= Robert Nichols (author) =

American architect
and writer (1919–2010)

Robert Nichols (July 15, 1919 – October 14, 2010) was an American architect, novelist, playwright, poet and short story writer.

==Early life, military service and education==
Born Robert Brayton Nichols in Worcester, Massachusetts, July 15, 1919, Nichols served as an officer in the United States Navy in World War II, and attended and earned two degrees from Harvard University, the first a bachelors and the second in landscape architecture.

==Career==
Nichols's work in landscape architecture includes a redesign of Washington Square Park in the Manhattan borough of New York City.

His poetry includes the volumes Red Shift (1977), and Slow Newsreel of Man Riding Train (1962, number 15 in the City Lights Pocket Poets Series).

He also wrote the short story collection, In the Air (1991), and novels, including From the Steam Room (1993), and a four-part series of novellas set in the utopia Nghsi-Altai.
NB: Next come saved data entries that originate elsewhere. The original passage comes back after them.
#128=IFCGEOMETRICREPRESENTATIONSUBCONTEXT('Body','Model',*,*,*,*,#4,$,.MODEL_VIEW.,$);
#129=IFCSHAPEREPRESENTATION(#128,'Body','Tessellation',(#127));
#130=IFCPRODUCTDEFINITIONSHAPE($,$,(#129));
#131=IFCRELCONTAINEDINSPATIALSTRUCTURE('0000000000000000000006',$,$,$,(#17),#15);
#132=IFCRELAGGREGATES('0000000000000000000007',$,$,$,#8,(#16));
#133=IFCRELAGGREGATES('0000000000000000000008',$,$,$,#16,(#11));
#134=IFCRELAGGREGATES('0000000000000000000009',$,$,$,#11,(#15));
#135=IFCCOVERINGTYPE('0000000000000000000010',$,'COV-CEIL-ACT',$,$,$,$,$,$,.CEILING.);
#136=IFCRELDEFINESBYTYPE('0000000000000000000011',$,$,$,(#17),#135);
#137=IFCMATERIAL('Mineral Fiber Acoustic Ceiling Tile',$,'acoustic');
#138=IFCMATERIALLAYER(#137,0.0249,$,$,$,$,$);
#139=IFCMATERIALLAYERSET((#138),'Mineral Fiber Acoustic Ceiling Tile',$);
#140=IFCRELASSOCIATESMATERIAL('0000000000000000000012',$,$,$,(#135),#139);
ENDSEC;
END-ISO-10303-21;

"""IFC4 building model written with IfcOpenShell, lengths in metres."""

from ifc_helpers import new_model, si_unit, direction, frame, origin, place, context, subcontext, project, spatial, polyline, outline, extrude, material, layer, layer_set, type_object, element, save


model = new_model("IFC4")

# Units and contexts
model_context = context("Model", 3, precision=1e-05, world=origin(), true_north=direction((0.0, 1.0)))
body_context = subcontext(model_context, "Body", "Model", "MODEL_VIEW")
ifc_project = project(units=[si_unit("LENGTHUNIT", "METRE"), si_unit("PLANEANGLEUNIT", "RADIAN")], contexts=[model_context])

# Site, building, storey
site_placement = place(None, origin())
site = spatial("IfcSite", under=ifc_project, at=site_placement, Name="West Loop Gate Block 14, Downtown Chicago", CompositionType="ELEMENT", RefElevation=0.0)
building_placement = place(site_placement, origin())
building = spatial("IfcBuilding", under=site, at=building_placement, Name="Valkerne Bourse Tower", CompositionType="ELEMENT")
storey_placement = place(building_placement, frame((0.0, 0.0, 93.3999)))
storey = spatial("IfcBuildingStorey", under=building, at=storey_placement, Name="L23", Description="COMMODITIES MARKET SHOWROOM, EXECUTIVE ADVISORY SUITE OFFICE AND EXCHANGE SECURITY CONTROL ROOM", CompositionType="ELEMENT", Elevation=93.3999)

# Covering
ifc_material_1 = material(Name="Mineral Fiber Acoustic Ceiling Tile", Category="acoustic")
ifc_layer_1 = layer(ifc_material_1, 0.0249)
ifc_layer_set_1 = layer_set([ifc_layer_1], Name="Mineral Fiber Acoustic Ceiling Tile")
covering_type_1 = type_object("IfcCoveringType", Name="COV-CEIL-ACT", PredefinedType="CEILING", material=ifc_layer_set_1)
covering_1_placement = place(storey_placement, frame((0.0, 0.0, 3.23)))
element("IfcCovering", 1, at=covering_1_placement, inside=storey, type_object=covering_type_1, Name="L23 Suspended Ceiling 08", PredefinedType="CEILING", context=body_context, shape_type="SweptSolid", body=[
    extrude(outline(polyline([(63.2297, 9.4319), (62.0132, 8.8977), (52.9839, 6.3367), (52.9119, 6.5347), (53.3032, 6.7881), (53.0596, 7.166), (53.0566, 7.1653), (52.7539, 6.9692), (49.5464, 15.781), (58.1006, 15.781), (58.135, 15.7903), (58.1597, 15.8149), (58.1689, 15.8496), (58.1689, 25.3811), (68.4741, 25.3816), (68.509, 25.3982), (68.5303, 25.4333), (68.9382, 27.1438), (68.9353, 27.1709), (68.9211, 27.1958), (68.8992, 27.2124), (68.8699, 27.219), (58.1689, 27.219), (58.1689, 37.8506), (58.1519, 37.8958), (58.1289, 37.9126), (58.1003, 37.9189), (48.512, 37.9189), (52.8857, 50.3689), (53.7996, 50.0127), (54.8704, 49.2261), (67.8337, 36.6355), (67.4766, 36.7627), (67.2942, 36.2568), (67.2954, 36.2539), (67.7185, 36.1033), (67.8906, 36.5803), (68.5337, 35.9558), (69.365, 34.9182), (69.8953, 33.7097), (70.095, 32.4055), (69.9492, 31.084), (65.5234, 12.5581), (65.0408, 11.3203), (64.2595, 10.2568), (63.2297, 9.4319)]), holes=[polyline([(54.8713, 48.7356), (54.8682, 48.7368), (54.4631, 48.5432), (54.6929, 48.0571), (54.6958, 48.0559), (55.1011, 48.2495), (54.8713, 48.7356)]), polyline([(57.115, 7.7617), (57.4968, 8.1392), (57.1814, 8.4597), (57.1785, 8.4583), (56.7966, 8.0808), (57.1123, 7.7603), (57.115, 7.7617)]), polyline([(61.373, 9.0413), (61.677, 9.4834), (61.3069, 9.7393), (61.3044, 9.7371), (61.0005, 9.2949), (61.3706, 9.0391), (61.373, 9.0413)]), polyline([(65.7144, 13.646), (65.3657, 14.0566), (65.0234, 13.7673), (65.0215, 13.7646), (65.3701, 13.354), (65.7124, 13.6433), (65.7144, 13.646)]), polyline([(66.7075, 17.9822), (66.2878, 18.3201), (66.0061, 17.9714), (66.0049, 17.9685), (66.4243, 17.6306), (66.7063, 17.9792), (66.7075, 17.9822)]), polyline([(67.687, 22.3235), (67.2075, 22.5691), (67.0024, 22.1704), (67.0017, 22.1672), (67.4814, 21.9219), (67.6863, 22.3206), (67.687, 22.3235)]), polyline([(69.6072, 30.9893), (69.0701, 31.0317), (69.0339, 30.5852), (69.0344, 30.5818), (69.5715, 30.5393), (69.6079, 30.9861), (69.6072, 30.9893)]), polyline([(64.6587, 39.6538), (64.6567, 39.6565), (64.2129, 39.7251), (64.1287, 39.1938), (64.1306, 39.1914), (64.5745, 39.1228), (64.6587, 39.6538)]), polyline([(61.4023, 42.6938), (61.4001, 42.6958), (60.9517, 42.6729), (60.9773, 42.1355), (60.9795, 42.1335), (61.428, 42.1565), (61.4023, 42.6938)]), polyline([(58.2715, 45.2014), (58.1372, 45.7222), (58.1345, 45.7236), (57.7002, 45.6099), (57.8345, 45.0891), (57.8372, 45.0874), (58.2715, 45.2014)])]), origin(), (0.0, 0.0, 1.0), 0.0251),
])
This series is called Daily Lives in Nghsi-Altai and consists of Book I: Arrival (1977), Book II: Garh City (1978), Book III: The Harditts in Sawna (1979), and Book IV: Exile (1979).

Nichols was a co-founder of the New York City's Judson Poets Theatre, and participated in the Theater for the New City and the Bread and Puppet Theater.

==Personal life==
Nichols's first marriage was to the Village Voice editor, Mary Perot Nichols, which ended in divorce in 1969. Nichols married writer Grace Paley in 1972, and they remained married until her death in 2007.